There are a number of state and federal leadership programs available for companies to take the "next step" in going from polluter to partner in sustainability, and eventually to environmental leader. Many FORTUNE 500 companies have accepted the challenge and become environmental leaders. EPA has implemented the National Environmental Performance Track, which is an excellent way for companies to get recognition, become a lower priority for routine inspections, improve relationships with EPA, and enjoy networking opportunities with companies doing business with "environmentally friendly" companies.

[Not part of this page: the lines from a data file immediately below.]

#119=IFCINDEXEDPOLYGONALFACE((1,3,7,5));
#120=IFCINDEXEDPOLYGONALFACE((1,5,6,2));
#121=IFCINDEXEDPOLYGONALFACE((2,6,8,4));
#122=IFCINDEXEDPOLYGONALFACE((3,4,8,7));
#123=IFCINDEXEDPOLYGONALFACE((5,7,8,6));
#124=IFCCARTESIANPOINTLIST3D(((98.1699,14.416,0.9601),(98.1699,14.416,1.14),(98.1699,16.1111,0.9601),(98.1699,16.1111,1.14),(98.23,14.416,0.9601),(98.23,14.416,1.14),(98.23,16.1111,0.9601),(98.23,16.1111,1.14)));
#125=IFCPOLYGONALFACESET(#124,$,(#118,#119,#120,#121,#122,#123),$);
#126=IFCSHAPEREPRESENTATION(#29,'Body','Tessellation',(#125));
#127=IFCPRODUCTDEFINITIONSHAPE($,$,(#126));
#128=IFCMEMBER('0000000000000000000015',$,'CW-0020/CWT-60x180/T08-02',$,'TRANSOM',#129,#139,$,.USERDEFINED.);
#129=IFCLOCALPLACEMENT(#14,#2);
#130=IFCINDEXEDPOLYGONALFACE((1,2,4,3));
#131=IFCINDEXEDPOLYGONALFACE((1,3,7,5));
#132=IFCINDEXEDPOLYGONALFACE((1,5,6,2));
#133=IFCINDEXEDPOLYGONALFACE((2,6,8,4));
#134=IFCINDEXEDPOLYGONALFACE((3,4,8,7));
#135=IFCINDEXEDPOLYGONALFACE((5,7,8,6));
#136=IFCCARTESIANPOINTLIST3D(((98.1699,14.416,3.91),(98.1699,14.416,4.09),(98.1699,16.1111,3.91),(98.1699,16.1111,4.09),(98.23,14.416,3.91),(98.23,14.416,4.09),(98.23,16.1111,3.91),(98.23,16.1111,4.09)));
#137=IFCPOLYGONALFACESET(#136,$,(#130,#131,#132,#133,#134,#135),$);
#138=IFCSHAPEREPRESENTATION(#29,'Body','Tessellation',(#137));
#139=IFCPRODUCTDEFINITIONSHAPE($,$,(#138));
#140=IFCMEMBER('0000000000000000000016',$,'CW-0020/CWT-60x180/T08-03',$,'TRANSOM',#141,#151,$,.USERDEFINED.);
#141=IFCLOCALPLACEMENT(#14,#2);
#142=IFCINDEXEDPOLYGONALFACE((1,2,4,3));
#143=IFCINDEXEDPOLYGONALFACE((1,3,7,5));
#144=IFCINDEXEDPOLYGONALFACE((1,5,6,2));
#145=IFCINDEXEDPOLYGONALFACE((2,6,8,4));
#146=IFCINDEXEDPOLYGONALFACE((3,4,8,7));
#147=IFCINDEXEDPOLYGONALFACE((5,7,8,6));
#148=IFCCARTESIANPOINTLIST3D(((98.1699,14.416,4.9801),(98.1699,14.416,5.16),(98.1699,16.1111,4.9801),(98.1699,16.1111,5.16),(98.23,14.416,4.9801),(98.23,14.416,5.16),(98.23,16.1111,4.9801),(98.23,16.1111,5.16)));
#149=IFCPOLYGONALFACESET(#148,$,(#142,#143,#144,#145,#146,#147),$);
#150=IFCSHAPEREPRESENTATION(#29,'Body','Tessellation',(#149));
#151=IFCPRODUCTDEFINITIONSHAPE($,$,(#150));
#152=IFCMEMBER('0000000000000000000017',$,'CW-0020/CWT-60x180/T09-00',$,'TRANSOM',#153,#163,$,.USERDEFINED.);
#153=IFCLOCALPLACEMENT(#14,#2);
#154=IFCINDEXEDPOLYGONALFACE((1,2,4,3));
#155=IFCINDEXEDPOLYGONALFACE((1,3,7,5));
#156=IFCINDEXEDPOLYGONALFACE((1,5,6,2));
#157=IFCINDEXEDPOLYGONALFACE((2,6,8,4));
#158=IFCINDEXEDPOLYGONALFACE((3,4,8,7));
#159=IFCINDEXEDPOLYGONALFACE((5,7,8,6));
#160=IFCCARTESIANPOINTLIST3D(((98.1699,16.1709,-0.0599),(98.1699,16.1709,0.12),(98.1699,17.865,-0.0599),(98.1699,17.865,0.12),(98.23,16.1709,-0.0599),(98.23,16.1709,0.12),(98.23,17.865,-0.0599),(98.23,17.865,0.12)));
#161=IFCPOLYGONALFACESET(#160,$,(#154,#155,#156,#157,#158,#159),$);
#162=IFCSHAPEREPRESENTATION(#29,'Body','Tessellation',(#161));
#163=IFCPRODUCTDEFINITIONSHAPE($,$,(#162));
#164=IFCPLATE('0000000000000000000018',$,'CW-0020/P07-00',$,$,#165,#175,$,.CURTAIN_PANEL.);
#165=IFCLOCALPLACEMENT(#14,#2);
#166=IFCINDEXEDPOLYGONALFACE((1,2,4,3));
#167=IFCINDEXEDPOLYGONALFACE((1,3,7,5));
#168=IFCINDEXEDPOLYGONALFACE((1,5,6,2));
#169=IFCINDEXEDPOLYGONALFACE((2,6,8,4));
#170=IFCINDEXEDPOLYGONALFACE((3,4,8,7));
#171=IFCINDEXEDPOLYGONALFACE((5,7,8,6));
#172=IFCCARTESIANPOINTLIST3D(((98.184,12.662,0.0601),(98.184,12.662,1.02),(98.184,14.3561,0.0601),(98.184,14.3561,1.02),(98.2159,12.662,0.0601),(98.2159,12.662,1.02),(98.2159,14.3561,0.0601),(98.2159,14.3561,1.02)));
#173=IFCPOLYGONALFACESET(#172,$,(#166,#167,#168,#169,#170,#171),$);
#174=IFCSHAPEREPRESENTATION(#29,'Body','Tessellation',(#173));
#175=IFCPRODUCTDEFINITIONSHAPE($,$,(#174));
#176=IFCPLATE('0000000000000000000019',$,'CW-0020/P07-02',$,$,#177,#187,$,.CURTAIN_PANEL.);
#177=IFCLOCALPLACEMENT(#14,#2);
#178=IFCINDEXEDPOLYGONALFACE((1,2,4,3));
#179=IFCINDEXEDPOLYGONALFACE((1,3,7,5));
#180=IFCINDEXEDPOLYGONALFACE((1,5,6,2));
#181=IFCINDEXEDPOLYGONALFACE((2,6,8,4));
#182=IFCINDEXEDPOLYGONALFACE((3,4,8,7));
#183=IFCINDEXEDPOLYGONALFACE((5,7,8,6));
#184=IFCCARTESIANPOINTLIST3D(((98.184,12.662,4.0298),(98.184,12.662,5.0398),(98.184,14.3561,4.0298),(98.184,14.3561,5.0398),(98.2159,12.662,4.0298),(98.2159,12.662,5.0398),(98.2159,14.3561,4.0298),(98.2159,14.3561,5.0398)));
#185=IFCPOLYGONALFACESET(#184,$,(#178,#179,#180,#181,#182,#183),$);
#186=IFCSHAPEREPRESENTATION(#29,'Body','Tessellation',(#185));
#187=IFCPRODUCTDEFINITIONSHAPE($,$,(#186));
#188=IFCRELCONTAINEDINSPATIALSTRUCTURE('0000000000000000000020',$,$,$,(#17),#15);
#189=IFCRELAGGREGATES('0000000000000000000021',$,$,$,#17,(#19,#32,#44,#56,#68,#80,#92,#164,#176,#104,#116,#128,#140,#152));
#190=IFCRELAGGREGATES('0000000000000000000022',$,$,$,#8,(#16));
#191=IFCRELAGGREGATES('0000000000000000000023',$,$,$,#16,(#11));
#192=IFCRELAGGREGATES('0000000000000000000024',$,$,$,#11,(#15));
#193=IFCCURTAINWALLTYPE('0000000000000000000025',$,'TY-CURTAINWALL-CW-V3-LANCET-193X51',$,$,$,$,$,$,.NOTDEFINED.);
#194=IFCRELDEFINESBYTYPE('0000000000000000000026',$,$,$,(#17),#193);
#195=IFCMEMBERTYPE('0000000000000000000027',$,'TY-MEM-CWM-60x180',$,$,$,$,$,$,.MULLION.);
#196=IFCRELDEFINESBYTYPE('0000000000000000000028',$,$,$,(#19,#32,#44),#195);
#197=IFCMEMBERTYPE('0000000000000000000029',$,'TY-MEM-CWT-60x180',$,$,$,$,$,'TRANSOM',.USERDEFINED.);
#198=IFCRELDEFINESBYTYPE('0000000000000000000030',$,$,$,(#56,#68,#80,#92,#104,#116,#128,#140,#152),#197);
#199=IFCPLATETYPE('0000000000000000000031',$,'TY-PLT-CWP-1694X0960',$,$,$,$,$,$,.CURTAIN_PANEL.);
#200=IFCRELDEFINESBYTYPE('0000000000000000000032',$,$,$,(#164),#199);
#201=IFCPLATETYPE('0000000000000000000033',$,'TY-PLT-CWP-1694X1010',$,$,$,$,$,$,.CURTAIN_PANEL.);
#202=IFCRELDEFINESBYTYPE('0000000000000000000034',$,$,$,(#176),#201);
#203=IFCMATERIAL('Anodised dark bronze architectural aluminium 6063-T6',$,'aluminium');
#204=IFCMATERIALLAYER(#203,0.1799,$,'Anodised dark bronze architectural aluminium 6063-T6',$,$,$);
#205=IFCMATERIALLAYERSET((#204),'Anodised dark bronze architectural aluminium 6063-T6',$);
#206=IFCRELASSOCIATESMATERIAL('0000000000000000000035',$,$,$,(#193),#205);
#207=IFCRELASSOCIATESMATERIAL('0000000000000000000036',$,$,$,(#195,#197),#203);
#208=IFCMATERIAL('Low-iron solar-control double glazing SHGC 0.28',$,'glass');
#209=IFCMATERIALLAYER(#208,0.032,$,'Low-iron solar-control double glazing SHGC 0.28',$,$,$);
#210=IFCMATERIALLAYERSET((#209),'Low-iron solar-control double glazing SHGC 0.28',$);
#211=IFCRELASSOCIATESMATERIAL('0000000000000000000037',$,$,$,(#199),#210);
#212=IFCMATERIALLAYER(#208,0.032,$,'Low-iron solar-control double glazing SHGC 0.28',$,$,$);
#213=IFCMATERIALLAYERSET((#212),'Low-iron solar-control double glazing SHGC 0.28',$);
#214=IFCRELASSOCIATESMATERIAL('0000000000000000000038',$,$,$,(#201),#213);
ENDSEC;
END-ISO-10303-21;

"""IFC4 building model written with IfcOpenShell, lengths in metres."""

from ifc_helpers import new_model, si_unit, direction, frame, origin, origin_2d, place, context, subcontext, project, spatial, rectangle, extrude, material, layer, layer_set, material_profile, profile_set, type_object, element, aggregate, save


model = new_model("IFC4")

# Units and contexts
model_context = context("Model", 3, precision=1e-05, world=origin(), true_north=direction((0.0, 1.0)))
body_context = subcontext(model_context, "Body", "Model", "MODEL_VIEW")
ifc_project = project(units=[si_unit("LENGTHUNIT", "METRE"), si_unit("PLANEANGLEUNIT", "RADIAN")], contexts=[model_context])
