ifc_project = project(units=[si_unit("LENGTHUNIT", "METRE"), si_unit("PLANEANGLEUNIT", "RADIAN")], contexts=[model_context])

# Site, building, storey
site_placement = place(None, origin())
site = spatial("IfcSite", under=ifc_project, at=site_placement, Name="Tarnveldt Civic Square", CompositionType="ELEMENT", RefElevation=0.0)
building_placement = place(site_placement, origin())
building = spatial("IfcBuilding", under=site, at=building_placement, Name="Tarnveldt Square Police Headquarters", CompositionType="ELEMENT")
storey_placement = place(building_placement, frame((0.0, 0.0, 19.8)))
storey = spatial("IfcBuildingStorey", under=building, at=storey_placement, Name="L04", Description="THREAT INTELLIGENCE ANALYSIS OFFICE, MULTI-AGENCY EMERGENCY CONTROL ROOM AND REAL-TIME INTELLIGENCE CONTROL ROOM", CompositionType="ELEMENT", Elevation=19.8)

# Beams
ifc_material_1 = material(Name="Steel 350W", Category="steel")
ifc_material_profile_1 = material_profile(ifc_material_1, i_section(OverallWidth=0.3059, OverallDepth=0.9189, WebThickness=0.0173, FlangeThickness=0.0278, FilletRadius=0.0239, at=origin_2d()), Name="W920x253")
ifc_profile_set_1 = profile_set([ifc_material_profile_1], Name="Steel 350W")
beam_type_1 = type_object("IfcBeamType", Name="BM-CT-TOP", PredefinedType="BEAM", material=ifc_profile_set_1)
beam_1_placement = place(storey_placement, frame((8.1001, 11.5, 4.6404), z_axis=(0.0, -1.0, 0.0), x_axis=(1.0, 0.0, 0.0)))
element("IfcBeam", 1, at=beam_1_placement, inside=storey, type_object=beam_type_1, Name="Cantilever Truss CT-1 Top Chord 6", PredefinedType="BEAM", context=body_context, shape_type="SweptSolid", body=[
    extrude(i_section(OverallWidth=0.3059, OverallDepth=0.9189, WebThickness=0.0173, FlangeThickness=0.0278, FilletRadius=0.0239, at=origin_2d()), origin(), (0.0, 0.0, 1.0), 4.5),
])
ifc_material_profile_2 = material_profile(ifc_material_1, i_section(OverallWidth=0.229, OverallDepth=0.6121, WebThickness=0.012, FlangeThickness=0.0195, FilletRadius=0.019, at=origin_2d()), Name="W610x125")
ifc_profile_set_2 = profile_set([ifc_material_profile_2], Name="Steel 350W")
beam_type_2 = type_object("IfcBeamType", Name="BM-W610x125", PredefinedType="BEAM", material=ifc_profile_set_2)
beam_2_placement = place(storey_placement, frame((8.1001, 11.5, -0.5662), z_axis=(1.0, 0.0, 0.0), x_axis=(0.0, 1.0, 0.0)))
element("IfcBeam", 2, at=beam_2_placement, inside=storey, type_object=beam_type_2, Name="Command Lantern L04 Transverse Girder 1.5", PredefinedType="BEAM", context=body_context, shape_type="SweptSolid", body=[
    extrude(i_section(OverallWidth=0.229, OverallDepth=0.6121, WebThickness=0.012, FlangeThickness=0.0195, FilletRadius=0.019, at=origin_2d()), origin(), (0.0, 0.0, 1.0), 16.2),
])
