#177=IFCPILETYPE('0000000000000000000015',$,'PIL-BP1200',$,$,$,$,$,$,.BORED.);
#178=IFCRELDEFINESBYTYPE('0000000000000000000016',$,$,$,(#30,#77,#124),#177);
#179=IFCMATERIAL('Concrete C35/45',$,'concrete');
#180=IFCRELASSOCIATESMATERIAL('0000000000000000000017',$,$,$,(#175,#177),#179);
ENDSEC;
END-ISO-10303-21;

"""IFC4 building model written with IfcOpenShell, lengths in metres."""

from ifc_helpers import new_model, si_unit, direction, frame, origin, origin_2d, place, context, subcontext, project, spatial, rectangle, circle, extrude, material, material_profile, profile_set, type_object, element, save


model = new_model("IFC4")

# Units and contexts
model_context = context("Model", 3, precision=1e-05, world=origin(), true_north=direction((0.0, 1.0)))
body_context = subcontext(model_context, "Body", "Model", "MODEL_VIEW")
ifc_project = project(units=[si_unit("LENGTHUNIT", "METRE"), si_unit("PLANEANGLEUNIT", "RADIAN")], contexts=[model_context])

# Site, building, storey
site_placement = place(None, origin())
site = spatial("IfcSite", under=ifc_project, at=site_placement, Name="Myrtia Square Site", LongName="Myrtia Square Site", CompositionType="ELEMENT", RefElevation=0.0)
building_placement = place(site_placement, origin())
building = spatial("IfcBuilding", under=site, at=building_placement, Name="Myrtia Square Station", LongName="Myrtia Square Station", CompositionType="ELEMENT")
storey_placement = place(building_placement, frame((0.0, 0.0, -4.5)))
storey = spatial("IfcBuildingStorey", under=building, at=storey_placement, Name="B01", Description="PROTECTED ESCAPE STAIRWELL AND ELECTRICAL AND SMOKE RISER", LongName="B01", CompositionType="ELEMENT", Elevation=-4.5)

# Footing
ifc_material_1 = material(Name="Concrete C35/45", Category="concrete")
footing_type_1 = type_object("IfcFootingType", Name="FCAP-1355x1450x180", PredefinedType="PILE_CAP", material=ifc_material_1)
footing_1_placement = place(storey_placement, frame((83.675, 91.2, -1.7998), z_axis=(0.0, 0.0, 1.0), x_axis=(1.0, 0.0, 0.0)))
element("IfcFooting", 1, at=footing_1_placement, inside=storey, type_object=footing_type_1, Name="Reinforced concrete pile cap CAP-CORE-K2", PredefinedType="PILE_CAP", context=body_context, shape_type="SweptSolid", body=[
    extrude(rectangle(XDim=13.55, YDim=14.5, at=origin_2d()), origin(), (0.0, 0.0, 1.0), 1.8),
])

The criteria for becoming a performance track member are: EMS for the facility, two past environmental achievements, sustained compliance, continual environmental improvement, and commitment to community outreach. Currently, there are 337 businesses in EPA's performance track (see the full list on the EPA Web site cited below).
In our highly industrialized society, pollution has become an unfortunate byproduct of growth and the consumer lifestyle. Industrial facilities have a variety of compliance issues to deal with (air, stormwater, hazardous and solid wastes, wastewater, etc.). The first step in any company's progression is an assessment of their current compliance status and identification of areas of non-compliance (i.e., compliance audit). Some states have an "audit privilege" provision, which allows them to develop a plan and implementation schedule for environmental compliance without being subject to state and/or federal regulation (enforcement). As companies mature in their environmental stewardship, they implement P2 and sustainability strategies and partner with governmental environmental leadership programs.